Are organisations doing this well?
It is interesting to understand where AI is currently being used to good effect. Many organisations are observed starting in areas of the business where modelling has been a constant for many years.
Such areas as fraud, credit risk, e-trading, and next-best-action are the most obvious and common use cases. The primary reason being they offer the easiest path to impact due to the clear ROI and being areas of the business where there is often a presence of knowledge around the mathematical techniques & understanding required in AI and data science.
Whilst these areas can present significant ROI, they are only scratching the surface of the possible applications of AI within the industry.

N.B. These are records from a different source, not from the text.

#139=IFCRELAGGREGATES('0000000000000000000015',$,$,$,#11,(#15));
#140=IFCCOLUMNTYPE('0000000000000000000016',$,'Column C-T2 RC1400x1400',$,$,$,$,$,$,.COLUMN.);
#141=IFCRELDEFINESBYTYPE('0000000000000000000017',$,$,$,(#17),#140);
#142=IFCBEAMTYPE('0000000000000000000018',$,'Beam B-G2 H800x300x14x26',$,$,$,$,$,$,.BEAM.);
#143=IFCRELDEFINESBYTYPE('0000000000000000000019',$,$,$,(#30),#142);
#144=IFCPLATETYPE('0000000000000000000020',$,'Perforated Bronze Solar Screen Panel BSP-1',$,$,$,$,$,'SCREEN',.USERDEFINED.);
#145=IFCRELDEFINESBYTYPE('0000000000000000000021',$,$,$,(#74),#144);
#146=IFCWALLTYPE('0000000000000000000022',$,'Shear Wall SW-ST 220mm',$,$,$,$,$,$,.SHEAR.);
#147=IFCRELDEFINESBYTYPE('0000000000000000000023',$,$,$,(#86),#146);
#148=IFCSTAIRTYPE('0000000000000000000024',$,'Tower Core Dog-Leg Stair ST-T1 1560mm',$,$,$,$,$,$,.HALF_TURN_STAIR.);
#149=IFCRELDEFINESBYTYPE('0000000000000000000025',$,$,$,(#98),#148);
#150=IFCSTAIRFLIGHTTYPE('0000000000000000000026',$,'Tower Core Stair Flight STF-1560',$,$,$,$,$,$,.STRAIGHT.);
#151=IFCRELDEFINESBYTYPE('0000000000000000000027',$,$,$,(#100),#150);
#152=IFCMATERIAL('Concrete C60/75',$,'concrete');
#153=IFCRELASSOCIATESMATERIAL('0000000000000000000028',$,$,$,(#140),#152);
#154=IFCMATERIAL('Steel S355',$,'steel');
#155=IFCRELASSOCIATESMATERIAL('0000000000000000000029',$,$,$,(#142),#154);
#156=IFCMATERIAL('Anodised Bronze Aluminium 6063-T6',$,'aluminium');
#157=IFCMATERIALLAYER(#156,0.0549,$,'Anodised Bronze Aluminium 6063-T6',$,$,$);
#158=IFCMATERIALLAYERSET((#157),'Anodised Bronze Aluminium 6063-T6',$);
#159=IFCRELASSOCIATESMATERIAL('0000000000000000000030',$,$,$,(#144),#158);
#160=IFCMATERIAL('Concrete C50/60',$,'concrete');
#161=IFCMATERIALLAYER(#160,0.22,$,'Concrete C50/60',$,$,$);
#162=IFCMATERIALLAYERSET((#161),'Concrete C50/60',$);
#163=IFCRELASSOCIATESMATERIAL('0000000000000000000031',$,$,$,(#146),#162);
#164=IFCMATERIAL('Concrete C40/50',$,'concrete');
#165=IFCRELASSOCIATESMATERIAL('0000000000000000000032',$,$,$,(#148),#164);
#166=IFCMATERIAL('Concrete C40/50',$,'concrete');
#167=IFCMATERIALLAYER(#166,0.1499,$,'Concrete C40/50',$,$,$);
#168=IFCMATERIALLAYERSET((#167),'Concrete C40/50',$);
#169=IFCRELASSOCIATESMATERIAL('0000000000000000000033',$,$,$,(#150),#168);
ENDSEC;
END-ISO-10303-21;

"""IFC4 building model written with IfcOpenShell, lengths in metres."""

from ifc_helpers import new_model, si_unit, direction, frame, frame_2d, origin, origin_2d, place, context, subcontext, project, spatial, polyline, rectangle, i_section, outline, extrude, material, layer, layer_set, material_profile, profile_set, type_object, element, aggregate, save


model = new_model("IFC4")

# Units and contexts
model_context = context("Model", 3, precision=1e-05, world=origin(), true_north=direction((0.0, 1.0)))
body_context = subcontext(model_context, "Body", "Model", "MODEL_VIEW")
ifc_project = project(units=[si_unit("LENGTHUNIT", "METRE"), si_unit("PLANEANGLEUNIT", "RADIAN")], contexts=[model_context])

A completely holistic approach to customer behaviour through the leveraging of a broad array of datasets (including transaction and interaction data) is a next step beyond standard next-best-action for example.
Managing the risk that is to come
But the truly transformational area for AI, amplified by the current environment, is in the broad understanding of all risk patterns across a balance sheet. It is an area the industry is waking up to, but not yet broadly adopting. Notable instance of where this is being done is the work done by HSBC and IBM on an AI powered US Equities index.

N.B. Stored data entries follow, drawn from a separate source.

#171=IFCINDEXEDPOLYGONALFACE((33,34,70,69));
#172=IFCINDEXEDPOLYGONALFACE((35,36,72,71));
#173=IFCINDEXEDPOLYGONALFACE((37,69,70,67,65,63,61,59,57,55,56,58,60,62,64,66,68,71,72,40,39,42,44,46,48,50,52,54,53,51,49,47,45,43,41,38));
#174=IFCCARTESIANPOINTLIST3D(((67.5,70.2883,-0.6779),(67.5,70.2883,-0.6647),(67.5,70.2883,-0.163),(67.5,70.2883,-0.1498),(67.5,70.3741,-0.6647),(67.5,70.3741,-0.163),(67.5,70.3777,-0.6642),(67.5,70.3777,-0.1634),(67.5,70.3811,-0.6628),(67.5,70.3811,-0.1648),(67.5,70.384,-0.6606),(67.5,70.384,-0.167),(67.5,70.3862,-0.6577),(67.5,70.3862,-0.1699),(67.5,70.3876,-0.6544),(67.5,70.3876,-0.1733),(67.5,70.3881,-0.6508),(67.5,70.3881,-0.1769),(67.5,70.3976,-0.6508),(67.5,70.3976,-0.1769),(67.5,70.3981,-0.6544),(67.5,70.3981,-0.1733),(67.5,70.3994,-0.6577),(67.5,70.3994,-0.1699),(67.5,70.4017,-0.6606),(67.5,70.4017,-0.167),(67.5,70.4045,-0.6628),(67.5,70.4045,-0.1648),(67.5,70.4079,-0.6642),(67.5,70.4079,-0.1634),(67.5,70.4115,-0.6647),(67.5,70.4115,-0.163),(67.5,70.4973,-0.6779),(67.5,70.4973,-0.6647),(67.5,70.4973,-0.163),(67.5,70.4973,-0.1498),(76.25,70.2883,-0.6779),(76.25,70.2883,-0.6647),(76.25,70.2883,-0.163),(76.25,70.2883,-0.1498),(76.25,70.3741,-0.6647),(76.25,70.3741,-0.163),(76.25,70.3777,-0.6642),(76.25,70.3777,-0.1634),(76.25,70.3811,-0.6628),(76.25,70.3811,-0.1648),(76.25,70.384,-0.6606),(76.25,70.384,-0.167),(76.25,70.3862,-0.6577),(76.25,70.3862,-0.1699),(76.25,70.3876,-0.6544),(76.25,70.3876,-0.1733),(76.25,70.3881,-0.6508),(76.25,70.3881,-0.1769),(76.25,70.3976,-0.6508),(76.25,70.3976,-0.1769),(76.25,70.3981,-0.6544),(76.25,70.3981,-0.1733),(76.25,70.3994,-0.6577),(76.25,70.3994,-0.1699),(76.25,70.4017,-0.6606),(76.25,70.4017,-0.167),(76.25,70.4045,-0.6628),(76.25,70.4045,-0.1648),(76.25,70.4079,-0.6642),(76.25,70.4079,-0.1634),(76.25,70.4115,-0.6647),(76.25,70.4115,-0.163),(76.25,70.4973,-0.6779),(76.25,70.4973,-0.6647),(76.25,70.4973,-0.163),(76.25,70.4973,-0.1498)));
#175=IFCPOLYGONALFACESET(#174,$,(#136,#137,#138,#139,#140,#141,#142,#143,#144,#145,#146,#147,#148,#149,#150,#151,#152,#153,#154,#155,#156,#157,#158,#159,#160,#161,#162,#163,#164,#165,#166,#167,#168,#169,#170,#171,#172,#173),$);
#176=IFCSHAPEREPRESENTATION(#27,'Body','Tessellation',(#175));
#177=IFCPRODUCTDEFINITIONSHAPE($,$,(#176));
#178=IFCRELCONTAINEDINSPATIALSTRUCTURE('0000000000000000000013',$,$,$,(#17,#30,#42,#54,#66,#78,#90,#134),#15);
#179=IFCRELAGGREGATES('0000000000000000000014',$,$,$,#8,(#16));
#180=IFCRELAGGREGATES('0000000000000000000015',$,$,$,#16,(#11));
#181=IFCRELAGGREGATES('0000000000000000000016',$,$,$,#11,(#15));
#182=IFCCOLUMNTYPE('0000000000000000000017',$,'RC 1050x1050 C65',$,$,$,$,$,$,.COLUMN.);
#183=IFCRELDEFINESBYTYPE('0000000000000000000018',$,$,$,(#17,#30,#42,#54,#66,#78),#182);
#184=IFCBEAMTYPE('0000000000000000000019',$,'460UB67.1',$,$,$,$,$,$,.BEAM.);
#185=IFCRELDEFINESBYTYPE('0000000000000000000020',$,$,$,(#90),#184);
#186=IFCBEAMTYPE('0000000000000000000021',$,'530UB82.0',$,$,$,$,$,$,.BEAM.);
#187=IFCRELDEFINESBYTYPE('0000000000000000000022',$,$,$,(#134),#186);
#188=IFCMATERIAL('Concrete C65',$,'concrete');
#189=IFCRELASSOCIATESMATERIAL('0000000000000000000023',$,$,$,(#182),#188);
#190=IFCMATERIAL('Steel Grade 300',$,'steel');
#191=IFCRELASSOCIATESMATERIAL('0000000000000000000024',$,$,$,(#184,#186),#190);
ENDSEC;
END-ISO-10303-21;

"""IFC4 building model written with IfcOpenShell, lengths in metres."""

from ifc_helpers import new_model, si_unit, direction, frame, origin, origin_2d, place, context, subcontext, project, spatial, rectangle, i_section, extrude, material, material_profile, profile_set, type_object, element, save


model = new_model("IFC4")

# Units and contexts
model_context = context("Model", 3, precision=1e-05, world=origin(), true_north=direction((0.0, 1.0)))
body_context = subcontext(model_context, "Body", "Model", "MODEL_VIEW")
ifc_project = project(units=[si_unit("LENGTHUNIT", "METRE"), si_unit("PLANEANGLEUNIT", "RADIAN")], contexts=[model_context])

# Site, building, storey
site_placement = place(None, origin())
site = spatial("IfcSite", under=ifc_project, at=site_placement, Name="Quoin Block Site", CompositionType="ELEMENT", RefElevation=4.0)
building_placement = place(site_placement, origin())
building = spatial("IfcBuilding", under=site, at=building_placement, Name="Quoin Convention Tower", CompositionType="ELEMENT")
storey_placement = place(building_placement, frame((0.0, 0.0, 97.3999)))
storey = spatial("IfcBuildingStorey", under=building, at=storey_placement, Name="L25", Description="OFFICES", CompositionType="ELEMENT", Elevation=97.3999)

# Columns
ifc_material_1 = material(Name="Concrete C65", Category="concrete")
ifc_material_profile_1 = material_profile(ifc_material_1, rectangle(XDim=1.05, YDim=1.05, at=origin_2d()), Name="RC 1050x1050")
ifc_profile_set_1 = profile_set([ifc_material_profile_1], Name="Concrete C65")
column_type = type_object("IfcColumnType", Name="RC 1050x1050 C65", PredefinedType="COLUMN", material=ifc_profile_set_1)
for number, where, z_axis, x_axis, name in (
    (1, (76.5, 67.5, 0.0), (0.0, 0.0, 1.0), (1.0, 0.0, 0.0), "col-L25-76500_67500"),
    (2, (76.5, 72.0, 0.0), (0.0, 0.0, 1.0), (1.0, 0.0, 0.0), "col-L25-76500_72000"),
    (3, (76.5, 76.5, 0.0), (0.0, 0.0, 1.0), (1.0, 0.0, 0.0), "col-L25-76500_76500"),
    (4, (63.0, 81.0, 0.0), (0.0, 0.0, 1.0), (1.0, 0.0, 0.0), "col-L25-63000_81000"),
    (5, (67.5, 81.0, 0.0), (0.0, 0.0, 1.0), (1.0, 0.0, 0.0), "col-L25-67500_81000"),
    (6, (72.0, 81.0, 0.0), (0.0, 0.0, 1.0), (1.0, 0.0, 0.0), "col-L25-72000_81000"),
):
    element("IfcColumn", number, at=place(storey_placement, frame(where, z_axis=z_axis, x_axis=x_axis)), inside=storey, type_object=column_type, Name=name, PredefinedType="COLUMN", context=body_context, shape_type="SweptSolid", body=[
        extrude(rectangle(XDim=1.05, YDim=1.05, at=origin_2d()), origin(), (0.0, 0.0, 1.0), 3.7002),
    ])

This has been thrust to the forefront of our minds in the Covid era, and as the economic stimulus packages we see globally start to fade away, economists point to more shocks to come. Many banks are now looking at their balance sheets with a troubled eye.
However it is clear that the broader physical and transition risks which pose the threat of a systematic shock to the banking sector have been ever present, Covid has just brought them much closer to home. Climate change is a clear example of this.
Given the current changes in society, for example, can we leverage our datasets to inform us which customers are becoming, or will become, financially vulnerable? Or which businesses are struggling to cope with global changes? And can we do this far in advance of any default event?
If we know this, and our data often does, then action can be taken to mitigate risk. The introduction of capital ratios after the last financial crisis has done much to soften the blow in the current one, Whether this is through a restructuring of exposure, conditional loans, or through financial and advisory partnerships – a thorough understanding poses opportunities for change and growth.
Hope for the future – creating an even playing field
The use of AI in financial services offers us many causes for optimism in the future.
From the ability to fairly and transparently provision capital to retail clients due to a clear understanding of economic drivers and behaviours, through to techniques which explain the impact of future climate risks on portfolio’s and thrust investment away from polluting entities – we should have hope in the power of a technology to throw open the drivers in the world around us.
Finding meaning from data and acting upon it is something the financial services industry has done for as long as it has been in existence, AI offers us the ability to do this at speed and with scale – in as fair and unbiased way as possible.